A casa do meu avô... nunca pensei que ela acabasse, tudo lá
parecia impregnado de eternidade.
Manuel Bandeira

A casa do meu avô foi diferente, continua lá: linda, acolhedora, bem cuidada,
guardiã de segredos, amores vividos, amores acabados, carinhos e muita saudade. Saudades de todos que já se foram mas são lembrados com alegria. Saudade de tudo que vivemos lá, na casa do meu avô... Tudo isso, graças ao cuidado e zelo das minhas tias Nadyege e Idelvita, que tentam de todas as maneiras conservá-la. Cada canto tem a sua história, as cadeiras na calçada que continuam embalando as conversas nas noites frias, a mesa grande e farta, o barulho dos chocalhos do gado ao amanhecer, o canto maravilhoso dos pássaros, o cheiro do café com tapioca, cuscuz, queijo assado, coalhada.

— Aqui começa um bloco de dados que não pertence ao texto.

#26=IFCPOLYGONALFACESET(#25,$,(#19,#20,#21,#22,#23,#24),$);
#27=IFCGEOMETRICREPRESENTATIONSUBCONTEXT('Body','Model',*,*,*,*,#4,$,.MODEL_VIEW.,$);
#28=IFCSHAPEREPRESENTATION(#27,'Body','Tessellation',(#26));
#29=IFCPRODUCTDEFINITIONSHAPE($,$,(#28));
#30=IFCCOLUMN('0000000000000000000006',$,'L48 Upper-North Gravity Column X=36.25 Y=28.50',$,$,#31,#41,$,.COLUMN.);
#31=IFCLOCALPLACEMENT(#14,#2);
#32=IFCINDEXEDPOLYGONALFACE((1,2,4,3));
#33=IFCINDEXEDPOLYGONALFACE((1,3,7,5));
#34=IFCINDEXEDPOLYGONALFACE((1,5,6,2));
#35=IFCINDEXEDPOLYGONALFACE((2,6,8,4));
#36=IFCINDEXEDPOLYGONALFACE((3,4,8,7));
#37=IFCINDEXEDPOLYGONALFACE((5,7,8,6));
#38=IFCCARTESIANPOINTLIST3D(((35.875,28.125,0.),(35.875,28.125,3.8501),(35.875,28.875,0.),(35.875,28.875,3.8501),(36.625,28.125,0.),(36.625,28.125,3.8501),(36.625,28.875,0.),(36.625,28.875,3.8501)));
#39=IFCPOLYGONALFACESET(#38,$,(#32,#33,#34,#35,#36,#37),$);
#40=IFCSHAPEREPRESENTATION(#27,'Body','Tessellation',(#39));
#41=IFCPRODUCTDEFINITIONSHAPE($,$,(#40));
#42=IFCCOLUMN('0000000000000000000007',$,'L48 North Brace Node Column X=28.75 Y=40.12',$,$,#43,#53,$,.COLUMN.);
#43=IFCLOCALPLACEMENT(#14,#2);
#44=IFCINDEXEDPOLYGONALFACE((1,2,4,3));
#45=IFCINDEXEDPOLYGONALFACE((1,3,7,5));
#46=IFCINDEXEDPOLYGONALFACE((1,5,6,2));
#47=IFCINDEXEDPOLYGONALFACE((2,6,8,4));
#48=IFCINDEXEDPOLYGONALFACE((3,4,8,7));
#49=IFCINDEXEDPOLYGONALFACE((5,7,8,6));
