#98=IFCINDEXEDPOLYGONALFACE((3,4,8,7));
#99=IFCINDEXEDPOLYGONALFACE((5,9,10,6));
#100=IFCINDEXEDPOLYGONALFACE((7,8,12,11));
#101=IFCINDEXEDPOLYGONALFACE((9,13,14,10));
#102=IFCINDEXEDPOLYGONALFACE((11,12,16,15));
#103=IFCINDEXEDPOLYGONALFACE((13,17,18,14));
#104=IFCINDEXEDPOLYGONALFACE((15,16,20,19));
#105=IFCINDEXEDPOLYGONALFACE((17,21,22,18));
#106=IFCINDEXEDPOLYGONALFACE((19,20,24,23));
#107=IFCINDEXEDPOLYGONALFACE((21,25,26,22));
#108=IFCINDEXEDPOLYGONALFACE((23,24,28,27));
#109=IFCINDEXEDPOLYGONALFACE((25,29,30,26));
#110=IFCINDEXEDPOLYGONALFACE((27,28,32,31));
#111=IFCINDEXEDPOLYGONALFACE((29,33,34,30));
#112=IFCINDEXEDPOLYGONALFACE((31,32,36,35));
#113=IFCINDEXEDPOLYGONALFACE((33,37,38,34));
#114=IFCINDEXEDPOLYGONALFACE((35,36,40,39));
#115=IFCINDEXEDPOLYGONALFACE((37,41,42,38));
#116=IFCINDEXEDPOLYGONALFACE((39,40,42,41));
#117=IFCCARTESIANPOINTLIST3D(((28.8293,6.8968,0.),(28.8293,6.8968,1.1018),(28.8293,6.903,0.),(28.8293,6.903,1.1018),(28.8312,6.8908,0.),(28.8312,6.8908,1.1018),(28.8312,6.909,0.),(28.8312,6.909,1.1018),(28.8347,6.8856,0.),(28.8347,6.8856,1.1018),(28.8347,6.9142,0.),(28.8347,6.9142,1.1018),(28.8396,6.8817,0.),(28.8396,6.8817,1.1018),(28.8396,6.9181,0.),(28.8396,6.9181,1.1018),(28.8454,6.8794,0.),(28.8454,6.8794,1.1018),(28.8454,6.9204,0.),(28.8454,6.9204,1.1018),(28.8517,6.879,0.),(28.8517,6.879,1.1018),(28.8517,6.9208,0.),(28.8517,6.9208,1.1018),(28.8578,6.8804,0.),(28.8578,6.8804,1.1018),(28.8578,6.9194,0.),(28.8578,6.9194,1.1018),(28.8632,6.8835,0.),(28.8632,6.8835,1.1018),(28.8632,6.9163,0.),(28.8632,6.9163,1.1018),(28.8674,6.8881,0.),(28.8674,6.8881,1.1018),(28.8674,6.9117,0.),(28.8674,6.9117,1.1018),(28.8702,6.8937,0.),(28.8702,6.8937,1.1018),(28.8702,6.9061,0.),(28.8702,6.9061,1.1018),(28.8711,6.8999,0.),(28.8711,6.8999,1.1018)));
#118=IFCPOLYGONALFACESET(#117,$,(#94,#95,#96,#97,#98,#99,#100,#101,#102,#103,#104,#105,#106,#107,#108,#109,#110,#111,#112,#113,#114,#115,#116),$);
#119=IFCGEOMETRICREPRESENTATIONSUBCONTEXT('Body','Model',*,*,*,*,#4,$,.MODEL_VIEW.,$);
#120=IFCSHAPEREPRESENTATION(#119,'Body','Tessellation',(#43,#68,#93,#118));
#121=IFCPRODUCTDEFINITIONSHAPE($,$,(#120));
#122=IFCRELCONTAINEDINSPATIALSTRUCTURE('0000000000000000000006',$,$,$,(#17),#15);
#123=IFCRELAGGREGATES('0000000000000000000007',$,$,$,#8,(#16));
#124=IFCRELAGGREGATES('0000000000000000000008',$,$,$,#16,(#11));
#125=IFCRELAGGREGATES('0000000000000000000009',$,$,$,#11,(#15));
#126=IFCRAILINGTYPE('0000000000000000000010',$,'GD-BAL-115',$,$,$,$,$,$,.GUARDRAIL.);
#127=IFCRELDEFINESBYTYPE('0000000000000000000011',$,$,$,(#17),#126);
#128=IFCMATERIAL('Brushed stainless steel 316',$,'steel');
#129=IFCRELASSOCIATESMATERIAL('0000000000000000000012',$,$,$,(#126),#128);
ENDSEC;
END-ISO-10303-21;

Saímos de Fortaleza na quinta-feira pela manhã. A chuva nos acompanhou durante a viagem. Asfalto molhado, o sol escondido e a vontade de chegar logo ao destino. Eramos sete, os visitantes. Na chegada, palmas, choro e muita risada. A turma de lá é bem maior. Didi, Idel, Gertrudes e Rosário (são suas "filhas", adotadas ainda crianças). A Camila que é filha do Beto e da Luiza já está morando com as tias, precisa estudar. Inteligente, educada e muito sabida para os seus sete anos. Beto toma conta da fazenda ajudado por Anchieta e Manoel, irmãos de Luiza. Anchieta é casado com Marta. Maria é a matriarca dessa família, é muito querida por todos nós. É muito engraçada e dedicada. O passeio durou três dias e pareceu dez.
Falamos das lembranças, foi uma convivência alegre, tranquila, amorosa. Stenio inquieto, contador de histórias, de amores acabados e futuros amores. José Gerardo é o retrato da paz, da tranquilidade, do bom senso, Meire Celi nos deu muitas lições de garra e coragem na luta diuturna da sua recuperação, Lulu e Hesíodo vivendo um amor cheio de ternura, de atenção, esse amor que a gente fica feliz de poder acompanhar de perto. William sempre com suas brincadeiras e é muito querido de todos. Amei o passeio, fizemos planos. Planos que poderão ou não ser realizados. Na despedida o choro foi maior... era domingo, cedinho enfrentamos a estrada de volta e novamente a chuva nos acompanhou até Fortaleza.